Forum Moderators: open

Message Too Old, No Replies

DDOS by Doctype: W3C burdened with excessive DTD traffic

         

encyclo

1:42 am on Feb 10, 2008 (gmt 0)

WebmasterWorld Senior Member 10+ Year Member



From the W3C Systems Team: W3C's Excessive DTD Traffic [w3.org]
If you view the source code of a typical web page, you are likely to see something like this near the top:

<!DOCTYPE html PUBLIC "-//W3C//DTD XHTML 1.0 Strict//EN"
"http://www.w3.org/TR/xhtml1/DTD/xhtml1-strict.dtd">


and/or

<html xmlns="http://www.w3.org/1999/xhtml" ...>


These refer to HTML DTDs and namespace documents hosted on W3C's site.

Note that these are not hyperlinks; these URIs are used for identification. This is a machine-readable way to say "this is HTML". In particular, software does not usually need to fetch these resources, and certainly does not need to fetch the same one over and over! Yet we receive a surprisingly large number of requests for such resources: up to 130 million requests per day, with periods of sustained bandwidth usage of 350Mbps, for resources that haven't changed in years.

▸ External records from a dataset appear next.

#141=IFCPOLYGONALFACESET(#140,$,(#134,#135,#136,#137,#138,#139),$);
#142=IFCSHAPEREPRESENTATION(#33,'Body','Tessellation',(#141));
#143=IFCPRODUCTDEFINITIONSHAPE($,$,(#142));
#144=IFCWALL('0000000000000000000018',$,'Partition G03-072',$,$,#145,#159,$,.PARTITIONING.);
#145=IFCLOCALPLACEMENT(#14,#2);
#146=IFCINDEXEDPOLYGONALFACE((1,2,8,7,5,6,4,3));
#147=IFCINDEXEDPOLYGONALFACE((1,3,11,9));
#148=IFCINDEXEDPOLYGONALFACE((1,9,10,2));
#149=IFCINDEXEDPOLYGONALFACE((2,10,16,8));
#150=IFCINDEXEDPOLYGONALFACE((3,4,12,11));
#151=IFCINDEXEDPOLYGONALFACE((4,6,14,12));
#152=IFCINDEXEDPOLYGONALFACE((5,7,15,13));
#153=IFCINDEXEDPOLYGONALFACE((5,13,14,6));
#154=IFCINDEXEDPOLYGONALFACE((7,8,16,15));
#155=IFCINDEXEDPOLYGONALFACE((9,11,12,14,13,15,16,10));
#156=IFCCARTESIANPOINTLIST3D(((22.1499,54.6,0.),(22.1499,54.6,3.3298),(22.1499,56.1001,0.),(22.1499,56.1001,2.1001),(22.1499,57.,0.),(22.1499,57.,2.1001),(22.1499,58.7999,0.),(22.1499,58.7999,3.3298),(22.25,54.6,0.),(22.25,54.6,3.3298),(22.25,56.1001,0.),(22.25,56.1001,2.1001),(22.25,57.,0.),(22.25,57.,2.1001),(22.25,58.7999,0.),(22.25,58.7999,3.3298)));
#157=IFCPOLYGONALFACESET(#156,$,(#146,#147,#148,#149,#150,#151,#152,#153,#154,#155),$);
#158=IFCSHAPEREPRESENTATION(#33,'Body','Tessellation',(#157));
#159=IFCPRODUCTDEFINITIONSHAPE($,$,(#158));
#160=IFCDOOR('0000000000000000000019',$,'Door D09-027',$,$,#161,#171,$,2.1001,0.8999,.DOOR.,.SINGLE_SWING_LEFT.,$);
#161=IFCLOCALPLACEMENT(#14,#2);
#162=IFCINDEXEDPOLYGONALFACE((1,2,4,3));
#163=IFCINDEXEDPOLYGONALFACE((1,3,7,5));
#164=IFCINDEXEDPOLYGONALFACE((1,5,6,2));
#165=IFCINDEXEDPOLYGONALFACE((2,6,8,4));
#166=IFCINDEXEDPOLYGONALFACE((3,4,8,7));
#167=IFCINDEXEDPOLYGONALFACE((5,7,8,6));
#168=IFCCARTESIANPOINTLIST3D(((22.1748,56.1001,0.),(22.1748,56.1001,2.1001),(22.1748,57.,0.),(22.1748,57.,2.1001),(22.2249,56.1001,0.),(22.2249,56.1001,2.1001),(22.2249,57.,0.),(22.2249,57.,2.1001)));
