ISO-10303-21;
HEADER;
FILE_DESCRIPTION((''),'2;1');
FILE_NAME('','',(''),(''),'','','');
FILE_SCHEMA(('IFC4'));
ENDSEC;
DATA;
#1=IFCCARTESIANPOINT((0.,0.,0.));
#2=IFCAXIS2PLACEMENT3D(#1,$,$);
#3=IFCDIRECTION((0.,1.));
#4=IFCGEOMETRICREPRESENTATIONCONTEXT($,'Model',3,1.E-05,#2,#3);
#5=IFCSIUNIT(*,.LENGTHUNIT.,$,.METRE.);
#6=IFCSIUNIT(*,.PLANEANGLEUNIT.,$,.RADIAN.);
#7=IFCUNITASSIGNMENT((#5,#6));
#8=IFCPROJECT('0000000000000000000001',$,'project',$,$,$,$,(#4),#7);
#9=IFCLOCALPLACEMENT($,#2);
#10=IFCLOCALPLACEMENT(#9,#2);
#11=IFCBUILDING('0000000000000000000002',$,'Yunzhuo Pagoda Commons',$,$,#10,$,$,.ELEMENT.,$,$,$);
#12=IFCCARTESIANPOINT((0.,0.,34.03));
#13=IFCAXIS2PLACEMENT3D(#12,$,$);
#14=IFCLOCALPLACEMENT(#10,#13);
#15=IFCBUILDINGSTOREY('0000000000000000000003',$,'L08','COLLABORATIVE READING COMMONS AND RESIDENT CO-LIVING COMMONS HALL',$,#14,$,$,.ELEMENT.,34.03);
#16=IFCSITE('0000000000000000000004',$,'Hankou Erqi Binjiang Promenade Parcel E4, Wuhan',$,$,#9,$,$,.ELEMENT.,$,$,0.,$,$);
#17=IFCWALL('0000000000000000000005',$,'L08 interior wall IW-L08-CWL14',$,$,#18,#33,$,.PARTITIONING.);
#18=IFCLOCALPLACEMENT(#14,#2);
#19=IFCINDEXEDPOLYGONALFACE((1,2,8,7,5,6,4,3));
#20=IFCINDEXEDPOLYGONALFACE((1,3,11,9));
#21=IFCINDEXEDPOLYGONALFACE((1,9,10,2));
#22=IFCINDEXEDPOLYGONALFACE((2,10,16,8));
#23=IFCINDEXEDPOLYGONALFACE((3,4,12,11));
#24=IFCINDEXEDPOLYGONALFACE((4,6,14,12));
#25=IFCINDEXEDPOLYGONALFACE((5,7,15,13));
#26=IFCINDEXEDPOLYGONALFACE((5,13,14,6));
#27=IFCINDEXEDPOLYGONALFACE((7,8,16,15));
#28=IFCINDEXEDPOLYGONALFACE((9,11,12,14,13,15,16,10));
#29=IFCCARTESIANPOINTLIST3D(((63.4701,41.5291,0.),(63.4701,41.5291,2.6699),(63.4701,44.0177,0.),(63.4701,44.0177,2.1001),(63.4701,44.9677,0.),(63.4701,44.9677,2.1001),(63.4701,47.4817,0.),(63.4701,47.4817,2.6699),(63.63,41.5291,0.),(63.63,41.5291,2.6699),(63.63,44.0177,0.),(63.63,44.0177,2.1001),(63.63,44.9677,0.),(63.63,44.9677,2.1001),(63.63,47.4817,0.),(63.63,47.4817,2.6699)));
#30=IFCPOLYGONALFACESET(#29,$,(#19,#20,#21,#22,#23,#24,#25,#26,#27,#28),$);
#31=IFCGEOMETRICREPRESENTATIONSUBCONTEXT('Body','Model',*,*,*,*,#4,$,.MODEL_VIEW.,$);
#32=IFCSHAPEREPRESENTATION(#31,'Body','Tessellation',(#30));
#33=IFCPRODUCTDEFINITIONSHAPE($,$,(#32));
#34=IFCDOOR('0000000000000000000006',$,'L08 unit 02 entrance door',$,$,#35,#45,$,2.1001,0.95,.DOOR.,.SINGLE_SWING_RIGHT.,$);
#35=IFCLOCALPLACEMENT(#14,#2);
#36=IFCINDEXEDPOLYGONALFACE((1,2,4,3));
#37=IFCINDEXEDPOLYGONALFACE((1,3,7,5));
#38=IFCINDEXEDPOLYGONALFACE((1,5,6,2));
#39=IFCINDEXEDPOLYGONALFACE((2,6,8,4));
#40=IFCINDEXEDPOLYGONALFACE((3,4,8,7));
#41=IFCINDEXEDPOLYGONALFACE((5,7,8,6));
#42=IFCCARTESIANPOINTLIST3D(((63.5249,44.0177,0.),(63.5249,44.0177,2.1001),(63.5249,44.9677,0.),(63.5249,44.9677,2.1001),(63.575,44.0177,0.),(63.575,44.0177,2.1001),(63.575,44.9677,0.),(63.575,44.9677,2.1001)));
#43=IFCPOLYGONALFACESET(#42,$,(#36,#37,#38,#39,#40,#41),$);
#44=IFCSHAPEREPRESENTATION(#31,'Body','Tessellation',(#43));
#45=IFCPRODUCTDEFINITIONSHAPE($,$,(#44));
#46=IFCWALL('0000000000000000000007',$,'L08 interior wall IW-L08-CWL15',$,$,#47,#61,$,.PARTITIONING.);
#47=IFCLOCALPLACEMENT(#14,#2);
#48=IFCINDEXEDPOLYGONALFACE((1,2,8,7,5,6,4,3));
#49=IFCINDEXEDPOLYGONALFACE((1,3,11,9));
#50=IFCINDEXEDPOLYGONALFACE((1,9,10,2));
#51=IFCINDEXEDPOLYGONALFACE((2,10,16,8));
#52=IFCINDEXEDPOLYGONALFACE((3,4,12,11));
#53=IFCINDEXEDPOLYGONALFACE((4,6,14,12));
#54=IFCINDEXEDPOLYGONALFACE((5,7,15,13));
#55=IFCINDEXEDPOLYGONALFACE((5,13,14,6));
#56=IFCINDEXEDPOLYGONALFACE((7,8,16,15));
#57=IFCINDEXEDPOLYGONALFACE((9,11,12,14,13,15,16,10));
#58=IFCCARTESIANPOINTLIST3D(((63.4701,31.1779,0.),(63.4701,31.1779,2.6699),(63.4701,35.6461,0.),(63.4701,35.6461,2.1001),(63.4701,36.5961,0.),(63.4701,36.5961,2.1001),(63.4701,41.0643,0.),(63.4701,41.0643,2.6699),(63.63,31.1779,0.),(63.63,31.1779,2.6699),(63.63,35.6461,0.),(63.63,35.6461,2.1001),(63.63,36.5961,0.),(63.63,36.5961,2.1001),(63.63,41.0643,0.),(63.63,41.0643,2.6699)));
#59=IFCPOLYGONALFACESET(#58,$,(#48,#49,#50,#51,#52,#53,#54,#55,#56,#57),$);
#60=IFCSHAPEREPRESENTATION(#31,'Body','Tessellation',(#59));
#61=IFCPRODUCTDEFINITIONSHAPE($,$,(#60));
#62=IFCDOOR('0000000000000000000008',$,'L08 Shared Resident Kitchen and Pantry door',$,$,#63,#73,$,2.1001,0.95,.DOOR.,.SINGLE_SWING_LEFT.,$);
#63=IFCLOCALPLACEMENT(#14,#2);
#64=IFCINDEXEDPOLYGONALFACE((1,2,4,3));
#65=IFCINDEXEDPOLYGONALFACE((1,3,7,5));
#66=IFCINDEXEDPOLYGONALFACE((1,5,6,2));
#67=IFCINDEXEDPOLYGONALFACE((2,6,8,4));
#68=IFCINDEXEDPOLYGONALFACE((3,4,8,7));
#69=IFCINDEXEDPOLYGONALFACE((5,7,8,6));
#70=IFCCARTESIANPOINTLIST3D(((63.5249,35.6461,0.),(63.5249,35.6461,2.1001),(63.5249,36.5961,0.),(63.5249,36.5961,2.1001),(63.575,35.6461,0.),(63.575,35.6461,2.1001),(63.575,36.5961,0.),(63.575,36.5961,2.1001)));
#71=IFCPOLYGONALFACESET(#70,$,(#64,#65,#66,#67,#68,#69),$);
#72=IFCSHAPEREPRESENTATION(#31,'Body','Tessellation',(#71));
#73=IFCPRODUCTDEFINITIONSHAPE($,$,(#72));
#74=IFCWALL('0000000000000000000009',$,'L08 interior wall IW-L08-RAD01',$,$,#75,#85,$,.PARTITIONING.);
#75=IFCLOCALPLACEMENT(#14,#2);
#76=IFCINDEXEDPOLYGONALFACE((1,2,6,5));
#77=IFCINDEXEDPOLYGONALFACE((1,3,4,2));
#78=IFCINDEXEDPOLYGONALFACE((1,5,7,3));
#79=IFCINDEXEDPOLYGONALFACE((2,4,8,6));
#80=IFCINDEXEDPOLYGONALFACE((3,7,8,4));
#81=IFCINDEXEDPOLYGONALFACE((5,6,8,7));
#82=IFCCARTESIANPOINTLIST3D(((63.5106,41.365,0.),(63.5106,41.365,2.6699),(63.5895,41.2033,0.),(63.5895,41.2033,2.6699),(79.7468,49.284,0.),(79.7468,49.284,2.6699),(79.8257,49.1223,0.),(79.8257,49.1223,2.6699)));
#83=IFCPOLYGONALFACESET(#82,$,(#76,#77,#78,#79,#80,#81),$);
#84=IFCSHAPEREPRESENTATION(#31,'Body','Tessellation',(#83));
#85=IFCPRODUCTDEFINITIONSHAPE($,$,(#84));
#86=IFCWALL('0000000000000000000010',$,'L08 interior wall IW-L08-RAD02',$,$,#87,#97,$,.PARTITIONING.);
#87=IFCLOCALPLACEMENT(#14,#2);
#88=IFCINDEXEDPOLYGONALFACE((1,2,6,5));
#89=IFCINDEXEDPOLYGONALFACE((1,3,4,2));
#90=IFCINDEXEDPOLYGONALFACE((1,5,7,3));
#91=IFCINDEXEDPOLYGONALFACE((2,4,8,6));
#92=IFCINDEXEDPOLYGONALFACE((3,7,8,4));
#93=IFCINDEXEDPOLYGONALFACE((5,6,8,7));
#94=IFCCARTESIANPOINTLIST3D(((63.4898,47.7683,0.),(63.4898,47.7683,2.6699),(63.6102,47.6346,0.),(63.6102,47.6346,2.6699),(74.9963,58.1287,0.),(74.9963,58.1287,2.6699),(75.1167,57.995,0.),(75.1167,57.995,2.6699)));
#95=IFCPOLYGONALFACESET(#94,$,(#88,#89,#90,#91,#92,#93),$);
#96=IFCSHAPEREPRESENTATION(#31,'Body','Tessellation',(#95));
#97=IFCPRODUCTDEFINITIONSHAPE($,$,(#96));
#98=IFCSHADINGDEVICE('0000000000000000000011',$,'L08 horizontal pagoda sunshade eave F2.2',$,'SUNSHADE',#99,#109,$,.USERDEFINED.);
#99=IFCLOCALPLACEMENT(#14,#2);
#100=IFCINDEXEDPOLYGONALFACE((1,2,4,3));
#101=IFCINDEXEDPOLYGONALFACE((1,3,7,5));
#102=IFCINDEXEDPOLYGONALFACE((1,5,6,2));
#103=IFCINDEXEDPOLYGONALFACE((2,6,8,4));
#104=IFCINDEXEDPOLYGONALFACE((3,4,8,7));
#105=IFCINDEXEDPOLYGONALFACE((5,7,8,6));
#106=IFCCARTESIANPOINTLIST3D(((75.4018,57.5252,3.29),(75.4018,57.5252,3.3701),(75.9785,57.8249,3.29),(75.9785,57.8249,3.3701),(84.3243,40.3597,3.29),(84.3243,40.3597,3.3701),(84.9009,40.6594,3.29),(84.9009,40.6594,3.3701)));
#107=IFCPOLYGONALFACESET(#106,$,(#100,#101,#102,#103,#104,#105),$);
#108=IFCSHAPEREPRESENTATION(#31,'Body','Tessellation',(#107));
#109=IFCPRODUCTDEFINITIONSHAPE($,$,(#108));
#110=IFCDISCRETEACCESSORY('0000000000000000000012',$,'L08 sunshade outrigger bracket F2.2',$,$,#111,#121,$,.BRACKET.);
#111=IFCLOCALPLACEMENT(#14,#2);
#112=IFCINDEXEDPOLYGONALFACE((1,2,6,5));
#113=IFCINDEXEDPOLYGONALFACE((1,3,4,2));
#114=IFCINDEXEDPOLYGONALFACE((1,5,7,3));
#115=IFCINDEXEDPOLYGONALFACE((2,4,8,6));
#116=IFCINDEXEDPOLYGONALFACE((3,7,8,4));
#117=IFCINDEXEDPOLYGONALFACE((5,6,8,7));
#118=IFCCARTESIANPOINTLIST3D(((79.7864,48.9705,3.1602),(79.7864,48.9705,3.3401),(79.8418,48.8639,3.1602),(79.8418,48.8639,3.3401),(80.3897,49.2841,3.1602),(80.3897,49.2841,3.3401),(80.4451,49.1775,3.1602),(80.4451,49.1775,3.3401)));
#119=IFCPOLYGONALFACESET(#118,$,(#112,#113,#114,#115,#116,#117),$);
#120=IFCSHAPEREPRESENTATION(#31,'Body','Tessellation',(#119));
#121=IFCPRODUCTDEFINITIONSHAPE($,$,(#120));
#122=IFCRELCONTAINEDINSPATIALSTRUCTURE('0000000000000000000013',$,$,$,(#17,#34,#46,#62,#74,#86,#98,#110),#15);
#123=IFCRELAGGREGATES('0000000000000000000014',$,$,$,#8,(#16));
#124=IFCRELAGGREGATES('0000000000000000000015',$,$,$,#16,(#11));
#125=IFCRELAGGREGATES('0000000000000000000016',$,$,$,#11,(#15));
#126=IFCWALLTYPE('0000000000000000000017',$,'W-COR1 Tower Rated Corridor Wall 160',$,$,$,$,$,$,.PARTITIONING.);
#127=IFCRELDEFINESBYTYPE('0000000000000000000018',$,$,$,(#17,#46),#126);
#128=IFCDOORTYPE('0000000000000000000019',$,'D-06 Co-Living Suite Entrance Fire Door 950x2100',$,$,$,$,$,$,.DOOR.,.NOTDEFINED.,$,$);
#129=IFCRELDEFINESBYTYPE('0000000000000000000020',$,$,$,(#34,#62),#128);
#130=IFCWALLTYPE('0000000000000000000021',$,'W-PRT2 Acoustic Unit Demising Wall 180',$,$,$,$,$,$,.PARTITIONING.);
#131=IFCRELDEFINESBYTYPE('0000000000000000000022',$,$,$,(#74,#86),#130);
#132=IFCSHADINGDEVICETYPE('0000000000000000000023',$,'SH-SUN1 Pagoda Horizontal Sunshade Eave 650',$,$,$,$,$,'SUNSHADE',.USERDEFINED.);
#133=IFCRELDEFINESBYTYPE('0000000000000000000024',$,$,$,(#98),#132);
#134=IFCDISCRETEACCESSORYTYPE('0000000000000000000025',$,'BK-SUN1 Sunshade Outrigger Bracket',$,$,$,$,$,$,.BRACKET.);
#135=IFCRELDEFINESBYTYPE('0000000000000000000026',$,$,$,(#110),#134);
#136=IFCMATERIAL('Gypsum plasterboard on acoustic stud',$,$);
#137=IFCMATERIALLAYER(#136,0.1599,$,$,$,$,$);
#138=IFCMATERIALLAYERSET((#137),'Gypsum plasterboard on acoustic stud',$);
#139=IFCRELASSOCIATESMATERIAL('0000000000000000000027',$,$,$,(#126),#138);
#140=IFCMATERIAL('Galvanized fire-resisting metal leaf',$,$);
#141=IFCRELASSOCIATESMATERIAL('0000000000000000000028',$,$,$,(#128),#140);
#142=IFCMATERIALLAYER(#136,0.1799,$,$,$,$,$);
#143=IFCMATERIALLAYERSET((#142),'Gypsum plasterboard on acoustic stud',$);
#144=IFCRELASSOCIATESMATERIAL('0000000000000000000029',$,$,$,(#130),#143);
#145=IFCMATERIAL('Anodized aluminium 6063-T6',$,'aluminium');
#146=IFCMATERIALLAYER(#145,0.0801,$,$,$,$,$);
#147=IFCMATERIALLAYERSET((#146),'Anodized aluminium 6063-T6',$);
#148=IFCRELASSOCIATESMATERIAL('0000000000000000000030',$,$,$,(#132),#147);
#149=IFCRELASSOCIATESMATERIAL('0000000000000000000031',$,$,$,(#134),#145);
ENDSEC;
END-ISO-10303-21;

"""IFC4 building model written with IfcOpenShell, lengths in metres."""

from ifc_helpers import new_model, si_unit, direction, frame, frame_2d, origin, origin_with_axes, origin_2d, place, context, subcontext, project, spatial, rectangle, extrude, source, transform, mapped, material, layer, layer_set, type_object, element, fill, save


model = new_model("IFC4")

# Units and contexts
model_context = context("Model", 3, precision=1e-05, world=origin(), true_north=direction((0.0, 1.0)))
body_context = subcontext(model_context, "Body", "Model", "MODEL_VIEW")
ifc_project = project(units=[si_unit("LENGTHUNIT", "METRE"), si_unit("PLANEANGLEUNIT", "RADIAN")], contexts=[model_context])

# Site, building, storey
site_placement = place(None, origin())
site = spatial("IfcSite", under=ifc_project, at=site_placement, Name="Hankou Erqi Binjiang Promenade Parcel E4, Wuhan", CompositionType="ELEMENT", RefElevation=0.0)
building_placement = place(site_placement, origin())
building = spatial("IfcBuilding", under=site, at=building_placement, Name="Yunzhuo Pagoda Commons", CompositionType="ELEMENT")
storey_placement = place(building_placement, frame((0.0, 0.0, 34.03)))
storey = spatial("IfcBuildingStorey", under=building, at=storey_placement, Name="L08", Description="COLLABORATIVE READING COMMONS AND RESIDENT CO-LIVING COMMONS HALL", CompositionType="ELEMENT", Elevation=34.03)

# Shared definitions
ifc_material_1 = material(Name="Anodized aluminium 6063-T6", Category="aluminium")

# Shared definitions
ifc_material_2 = material(Name="Gypsum plasterboard on acoustic stud")
ifc_layer_1 = layer(ifc_material_2, 0.1599)
ifc_layer_set_1 = layer_set([ifc_layer_1], Name="Gypsum plasterboard on acoustic stud")
wall_type_1 = type_object("IfcWallType", Name="W-COR1 Tower Rated Corridor Wall 160", PredefinedType="PARTITIONING", material=ifc_layer_set_1)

That's 1500 requests a second, with close to 100% of requests being totally unnecessary. Note that normal web browsers such as IE or Firefox don't fetch the DTD, or if they did they would cache it.

I believe this is a good example of the effect that rogue crawlers are having on websites - there are a large number of crawlers which grab pages and fetch everything which looks like a link - and the crawlers are not sophisticated enough to analyse the HTML and realize that the links in the DTD and

xmlns
should be ignored.

So, as there are millions of documents out there which declare a "full" doctype, we are all contributing to a permanent distributed denial-of-service (DDOS) attack on the W3C!

The W3C are partially to blame - they placed the DTDs under their primary website (www.w3.org) instead of a dedicated subdomain, and they encouraged the use of their DTDs for all (X)HTML documents, despite the fact that the XML folks all know that DTDs Don’t Work on the Web [hsivonen.iki.fi]. Perhaps it's time for me to update the Doctype FAQ [webmasterworld.com] and suggest some of the (several) doctypes which conserve standards-compliance mode but don't include the DTD link...

Solution1

7:12 am on Feb 10, 2008 (gmt 0)

10+ Year Member Top Contributors Of The Month



The HTML 5 doctype would solve this problem:

<!DOCTYPE html>

JAB Creations

8:52 pm on Feb 10, 2008 (gmt 0)

WebmasterWorld Senior Member 10+ Year Member



HTML 5 is not acceptable as it's lacking version passively declares itself as the final version of HTML which frankly I find laughable and inexcusable. I will stay with XHTML 1.1 and use HTML 5's features by utilizing the beauty of XML by using the proper media type: application/xhtml+xml when the time comes that support exists for useful HTML 5 features.

I agree with encyclo in regards to the idea revolving around a subdomain. Bots are just plain stupid and screw up access logs with endless 404s making it difficult to find and repair legitimate 404s if it weren't for interesting counter-tactics and intelligent statistics scripts.

A good question: what browsers have a legitimate reason to fetch doctypes? I presume browsers that don't keep an internal copy?

- John

encyclo

9:29 pm on Feb 10, 2008 (gmt 0)

WebmasterWorld Senior Member 10+ Year Member



HTML5 versioning is a whole other debate ;) However, you're right in that the HTML5 pseudo-doctype is a solution, however it has the current disadvantage that you can't validate against a draft specification, and validation helps fix many problems when developing a site.

Like I said, the traffic problem doesn't come from browsers, as they don't actually take any notice of the doctype as such apart from using it as a rendering-mode switch. However, many bots are simple downloaders which just parse for anything that looks like a link without analyzing the page content at all, and this is probably they are requesting the DTDs for every page which includes them.

There is no real possibility of the W3C moving the DTDs, they are the biggest proponents of "Cool URIs don't Change" after all, and it would break many thousands of documents and applications.